Старший лейтенант побежал распорядиться, а Пантелеев сел в кабину и захлопнул дверь.
– Можно ехать, товарищ начальник? – спросила девушка.
– Вылезьте поглядите, когда люди в кузов сядут, тогда и поедем.
Девушка вылезла из кабины. Пантелеев оглянулся, увидел, что ее нет, и глубоко вздохнул. Он был рад, что на минуту остался один.
Нет! Все происходившее здесь на его глазах было не только следствием неопытности. С ней придется прощаться в боях, платя за нее кровью, но на первых порах ее можно объяснить, особенно в этой поспешности, всего месяц назад, сформированной дивизии. И не только безрукость Кудинова всему виной – командира дивизии в конце концов можно сменить, найдутся другие – и похрабрей и порукастей, чем он. Если б дело было только в этом – полбеды. А беда в том, что ни Кудинову, ни этому мордатому, растерянному Бабурову, ни старшему лейтенанту – начальнику штаба батальона, который, кто знает, быть может, еще покажет на этой же самой войне чудеса храбрости, – всем троим не хватило сегодня самого обыкновенного гражданского мужества, – а этого Пантелеев не прощал ни себе, ни другим.

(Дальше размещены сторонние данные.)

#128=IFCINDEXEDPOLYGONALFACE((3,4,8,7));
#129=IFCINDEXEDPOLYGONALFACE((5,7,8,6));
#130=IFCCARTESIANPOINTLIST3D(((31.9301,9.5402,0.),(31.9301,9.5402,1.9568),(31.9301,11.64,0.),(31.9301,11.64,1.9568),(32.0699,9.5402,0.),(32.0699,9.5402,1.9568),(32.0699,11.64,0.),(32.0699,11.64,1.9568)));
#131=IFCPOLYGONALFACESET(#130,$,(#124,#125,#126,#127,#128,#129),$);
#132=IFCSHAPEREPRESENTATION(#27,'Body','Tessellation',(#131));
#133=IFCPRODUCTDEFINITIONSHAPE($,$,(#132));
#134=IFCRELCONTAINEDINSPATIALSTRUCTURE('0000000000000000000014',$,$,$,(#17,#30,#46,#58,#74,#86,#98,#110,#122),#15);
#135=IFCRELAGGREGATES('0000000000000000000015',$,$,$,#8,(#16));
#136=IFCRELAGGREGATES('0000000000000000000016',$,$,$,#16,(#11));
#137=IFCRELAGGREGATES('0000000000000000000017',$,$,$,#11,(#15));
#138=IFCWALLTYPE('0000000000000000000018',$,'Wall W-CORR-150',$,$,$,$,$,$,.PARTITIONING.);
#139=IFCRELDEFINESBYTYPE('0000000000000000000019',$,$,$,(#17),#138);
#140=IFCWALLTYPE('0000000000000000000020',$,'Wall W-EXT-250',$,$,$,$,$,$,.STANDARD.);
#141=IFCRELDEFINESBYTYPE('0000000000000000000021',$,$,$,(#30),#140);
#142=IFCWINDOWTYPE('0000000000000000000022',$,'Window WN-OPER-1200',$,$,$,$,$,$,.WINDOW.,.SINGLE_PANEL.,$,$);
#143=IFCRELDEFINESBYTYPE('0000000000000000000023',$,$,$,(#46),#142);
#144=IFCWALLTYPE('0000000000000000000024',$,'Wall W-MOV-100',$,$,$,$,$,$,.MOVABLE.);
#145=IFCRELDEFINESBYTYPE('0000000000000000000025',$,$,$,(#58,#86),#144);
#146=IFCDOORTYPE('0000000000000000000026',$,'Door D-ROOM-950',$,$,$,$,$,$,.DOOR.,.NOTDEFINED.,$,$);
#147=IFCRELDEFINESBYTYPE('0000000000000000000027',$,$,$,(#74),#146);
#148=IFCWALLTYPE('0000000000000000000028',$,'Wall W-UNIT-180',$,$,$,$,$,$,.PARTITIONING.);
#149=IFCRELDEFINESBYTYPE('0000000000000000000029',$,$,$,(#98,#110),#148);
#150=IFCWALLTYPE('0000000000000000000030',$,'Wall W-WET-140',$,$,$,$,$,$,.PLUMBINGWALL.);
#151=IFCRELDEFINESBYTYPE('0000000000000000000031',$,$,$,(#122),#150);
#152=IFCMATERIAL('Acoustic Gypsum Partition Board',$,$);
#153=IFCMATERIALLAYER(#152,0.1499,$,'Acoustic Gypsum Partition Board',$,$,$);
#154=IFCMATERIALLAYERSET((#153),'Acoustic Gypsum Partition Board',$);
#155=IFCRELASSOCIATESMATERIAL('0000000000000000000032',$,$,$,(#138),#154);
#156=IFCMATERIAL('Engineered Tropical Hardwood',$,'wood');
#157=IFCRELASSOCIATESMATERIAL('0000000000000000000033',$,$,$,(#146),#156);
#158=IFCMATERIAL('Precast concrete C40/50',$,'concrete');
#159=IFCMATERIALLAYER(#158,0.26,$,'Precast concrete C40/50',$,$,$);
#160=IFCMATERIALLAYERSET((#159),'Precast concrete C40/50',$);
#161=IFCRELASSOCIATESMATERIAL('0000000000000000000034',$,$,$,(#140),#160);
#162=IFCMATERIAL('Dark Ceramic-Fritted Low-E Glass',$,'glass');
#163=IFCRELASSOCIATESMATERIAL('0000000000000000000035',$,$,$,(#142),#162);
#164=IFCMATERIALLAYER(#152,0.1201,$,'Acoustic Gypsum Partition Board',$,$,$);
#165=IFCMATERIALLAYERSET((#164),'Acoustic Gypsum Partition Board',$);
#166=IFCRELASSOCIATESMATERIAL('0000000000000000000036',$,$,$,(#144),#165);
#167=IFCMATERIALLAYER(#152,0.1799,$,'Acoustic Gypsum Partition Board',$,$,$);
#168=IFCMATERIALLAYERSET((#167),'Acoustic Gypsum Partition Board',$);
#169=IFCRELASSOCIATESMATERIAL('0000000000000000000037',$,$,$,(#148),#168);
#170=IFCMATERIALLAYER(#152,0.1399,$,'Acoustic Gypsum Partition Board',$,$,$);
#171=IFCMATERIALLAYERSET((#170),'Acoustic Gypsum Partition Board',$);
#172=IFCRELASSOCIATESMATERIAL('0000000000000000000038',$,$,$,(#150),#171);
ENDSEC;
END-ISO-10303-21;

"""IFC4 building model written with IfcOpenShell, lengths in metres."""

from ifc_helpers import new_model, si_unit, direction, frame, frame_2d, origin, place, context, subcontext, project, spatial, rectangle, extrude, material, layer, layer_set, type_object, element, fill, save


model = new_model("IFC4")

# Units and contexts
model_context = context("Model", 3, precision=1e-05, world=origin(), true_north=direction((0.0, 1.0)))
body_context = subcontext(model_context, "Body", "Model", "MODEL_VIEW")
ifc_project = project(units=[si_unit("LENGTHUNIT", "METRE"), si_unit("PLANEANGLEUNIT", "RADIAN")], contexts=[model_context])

Начальник штаба, надеясь, что все как-нибудь обойдется, не доложил всей правды Бабурову. Бабуров, подозревая, что ему докладывают не все, не стал докапываться, – благо это давало ему возможность на первых порах сообщить в дивизию нечто неопределенное, а тем временем исправить положение, не успев получить нагоняй. Кудинов, в свою очередь, посчитал, что с него хватит вчерашнего разноса за Сальково, и доложил в армию о событиях на Арабатской стрелке, как о чем-то уж и вовсе не значительном; он надеялся, что все обойдется, а на случай катастрофы у него оставалась ссылка, что он хотя и не полностью, но все же кому-то что-то заранее докладывал. Так одна ложь наворачивалась на другую и росла, как снежный ком, а где-то за девять километров отсюда погибла – всем своим чутьем военного человека Пантелеев знал, что именно погибла, – рота, которую, может, и удалось бы выручить, если б сразу со вчерашнего вечера все делалось иначе.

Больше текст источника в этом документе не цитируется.